晚上睡在廣州,有點失眠。

我感到忽然之間就緊張起來了,就在我從周小雙家出來的時候,我忽然接到了老彭前妻潘女俠的電話。

潘女俠跟我講,說老彭的生意可能要完蛋,中山的廠子搞不下去了。

我大驚失色,忙問是什麽情況。

潘女俠道:“還能是什麽情況?被女狐狸精迷得走不動道了唄,做生意也不會做了!天天跟著人家學什麽金融操作,老彭那腦子,是能玩金融的嗎?

我懷疑那女的也是故意設的套,我聽說今年虧了幾千萬!他有多少家底啊,虧這麽多,現在逼著要錢要賣廠了!”

我徹底驚呆了,我和老彭打高爾夫球的時候,隻是覺得他好像精神狀態不太好,有點走背運,沒有想到這才幾天的功夫,他竟然就要賣廠了?

我的天啊!

我想潘女俠是不是因為恨老彭,所以他才故意把事兒說得這麽嚴重,但是我想了想,覺得這種可能性不大,因為她從來都不聯係我,偏偏這個時候聯係,說明事情肯定有點嚴重。

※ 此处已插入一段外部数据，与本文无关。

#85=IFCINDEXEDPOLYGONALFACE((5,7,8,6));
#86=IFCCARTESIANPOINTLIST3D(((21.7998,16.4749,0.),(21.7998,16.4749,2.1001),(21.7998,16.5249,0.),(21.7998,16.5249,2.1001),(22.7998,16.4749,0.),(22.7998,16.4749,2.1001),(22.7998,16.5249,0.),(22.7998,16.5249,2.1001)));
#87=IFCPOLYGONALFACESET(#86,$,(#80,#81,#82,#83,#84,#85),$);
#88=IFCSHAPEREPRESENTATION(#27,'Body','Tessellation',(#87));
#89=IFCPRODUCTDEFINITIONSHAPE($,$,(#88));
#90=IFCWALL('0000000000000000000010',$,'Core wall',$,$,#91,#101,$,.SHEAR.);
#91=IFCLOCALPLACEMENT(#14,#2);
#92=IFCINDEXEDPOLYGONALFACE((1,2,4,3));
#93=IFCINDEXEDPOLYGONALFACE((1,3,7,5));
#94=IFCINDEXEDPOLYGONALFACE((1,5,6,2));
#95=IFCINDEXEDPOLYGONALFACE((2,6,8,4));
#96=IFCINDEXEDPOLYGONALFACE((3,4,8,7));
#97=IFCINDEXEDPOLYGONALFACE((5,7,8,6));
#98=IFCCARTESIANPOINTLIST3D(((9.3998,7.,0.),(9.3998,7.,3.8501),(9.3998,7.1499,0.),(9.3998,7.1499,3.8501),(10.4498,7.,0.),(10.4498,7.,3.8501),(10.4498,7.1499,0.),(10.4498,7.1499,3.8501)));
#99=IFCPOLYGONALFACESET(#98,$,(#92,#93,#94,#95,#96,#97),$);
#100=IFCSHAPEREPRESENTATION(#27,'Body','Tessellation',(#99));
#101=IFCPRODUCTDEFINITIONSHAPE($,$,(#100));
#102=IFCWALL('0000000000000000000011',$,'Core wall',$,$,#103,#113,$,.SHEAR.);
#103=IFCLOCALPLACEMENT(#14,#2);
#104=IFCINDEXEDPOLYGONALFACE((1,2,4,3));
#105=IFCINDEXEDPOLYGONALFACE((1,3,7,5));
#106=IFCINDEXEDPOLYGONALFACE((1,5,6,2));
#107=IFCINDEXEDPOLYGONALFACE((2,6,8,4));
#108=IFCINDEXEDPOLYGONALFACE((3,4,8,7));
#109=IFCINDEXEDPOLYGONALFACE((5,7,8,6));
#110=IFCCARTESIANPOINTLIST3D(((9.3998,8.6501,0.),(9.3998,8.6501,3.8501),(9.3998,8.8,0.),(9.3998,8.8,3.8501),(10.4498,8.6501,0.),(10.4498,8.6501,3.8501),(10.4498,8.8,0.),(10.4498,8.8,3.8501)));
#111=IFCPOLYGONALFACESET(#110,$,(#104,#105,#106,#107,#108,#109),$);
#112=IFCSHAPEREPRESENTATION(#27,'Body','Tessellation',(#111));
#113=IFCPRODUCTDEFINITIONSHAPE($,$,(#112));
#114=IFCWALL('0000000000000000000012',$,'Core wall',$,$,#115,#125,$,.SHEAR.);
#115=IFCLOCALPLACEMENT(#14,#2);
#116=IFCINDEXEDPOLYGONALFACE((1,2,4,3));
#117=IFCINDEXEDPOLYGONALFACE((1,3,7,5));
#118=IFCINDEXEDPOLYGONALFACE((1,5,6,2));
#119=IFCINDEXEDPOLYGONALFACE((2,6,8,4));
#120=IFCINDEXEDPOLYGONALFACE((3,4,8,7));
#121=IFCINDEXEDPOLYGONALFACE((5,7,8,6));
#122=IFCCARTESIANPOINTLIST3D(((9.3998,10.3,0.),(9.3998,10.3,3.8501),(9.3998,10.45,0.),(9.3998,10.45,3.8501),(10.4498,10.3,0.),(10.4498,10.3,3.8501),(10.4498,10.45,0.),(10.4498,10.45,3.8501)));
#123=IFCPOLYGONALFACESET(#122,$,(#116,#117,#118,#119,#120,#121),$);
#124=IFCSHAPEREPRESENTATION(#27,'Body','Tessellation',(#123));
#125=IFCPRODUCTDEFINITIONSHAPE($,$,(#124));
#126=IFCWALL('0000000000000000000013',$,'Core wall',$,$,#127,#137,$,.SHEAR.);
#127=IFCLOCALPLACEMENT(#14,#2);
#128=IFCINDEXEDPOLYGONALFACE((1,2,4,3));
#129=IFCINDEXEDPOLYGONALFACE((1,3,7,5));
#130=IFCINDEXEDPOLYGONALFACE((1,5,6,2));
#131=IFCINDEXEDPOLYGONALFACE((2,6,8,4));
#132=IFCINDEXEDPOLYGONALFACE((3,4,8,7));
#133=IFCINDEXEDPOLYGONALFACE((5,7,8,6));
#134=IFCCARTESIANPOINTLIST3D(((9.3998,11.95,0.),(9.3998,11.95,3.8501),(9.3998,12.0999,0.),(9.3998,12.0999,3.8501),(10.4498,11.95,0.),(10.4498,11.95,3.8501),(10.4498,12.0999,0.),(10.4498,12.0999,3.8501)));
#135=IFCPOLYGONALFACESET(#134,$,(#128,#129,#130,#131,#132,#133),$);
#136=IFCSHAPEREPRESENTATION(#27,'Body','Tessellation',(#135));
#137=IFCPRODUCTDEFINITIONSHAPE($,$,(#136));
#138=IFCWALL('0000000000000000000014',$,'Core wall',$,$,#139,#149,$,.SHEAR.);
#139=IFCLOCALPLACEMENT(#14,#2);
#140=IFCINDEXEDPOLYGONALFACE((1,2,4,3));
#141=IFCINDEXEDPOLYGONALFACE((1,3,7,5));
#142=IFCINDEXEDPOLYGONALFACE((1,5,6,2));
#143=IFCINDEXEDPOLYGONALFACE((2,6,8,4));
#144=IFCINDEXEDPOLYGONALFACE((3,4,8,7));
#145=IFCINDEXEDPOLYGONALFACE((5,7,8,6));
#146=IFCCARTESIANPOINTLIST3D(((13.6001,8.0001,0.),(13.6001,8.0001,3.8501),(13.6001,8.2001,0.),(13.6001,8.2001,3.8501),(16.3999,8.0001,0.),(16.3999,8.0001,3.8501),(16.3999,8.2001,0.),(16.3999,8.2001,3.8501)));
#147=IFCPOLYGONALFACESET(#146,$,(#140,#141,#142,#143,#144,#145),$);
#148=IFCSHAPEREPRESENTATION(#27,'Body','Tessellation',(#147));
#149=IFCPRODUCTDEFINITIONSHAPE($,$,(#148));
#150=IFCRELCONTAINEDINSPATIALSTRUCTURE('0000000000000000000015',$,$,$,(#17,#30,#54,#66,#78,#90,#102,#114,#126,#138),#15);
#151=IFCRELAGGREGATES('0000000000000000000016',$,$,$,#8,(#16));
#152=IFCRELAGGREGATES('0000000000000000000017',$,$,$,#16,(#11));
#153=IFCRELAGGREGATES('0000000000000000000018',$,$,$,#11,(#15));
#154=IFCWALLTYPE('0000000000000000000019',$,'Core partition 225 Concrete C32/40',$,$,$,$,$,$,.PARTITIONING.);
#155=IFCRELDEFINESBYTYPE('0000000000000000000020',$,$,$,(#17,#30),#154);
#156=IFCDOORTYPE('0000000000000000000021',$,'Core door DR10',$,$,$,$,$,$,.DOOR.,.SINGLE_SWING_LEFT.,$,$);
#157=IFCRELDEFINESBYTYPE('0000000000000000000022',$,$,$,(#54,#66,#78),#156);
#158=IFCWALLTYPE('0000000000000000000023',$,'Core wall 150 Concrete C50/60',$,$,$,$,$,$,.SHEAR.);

我躺在**想,今年我身邊的這些人好像都過得不咋地,董武國就不講了,他是最先垮的,然後蘇雪嬌也幾乎垮掉,如果不是我兜底,估計早就完蛋了,現在杜衡好像情況比較糟糕,老彭現在又爆雷,還有個馬從靜去年賺得盆滿缽滿,今年也快山窮水盡。

實話講,去年年底的時候說08年是最難熬的一年,今年開年的時候我還沒有那種感覺,但是現在我終於感受到了涼意了。

然後我立馬聯想到自己,我現在一個月付五十萬房貸,萬一深圳的地產不能轉暖,我怎麽辦?

如果這種局麵再熬兩年,我一年要付六百萬,我兩年要付一千二百萬,我哪裏有那麽多錢?

而如果我現在放棄,就等於所有的一切化為虛無,我之前付出的,蘇雪嬌的全部身家,一切都成了飛灰了。

一念及此,我後背發涼,我立馬看房地產的最近訊息,不看還沒啥,一看是剛剛穩住的深圳房價又往下挫了,兩個月均價挫了快兩千了。

我算了一下我手中的房子,一平米兩千,這是多大的數字?是我現在的能力承受不住的數字啊。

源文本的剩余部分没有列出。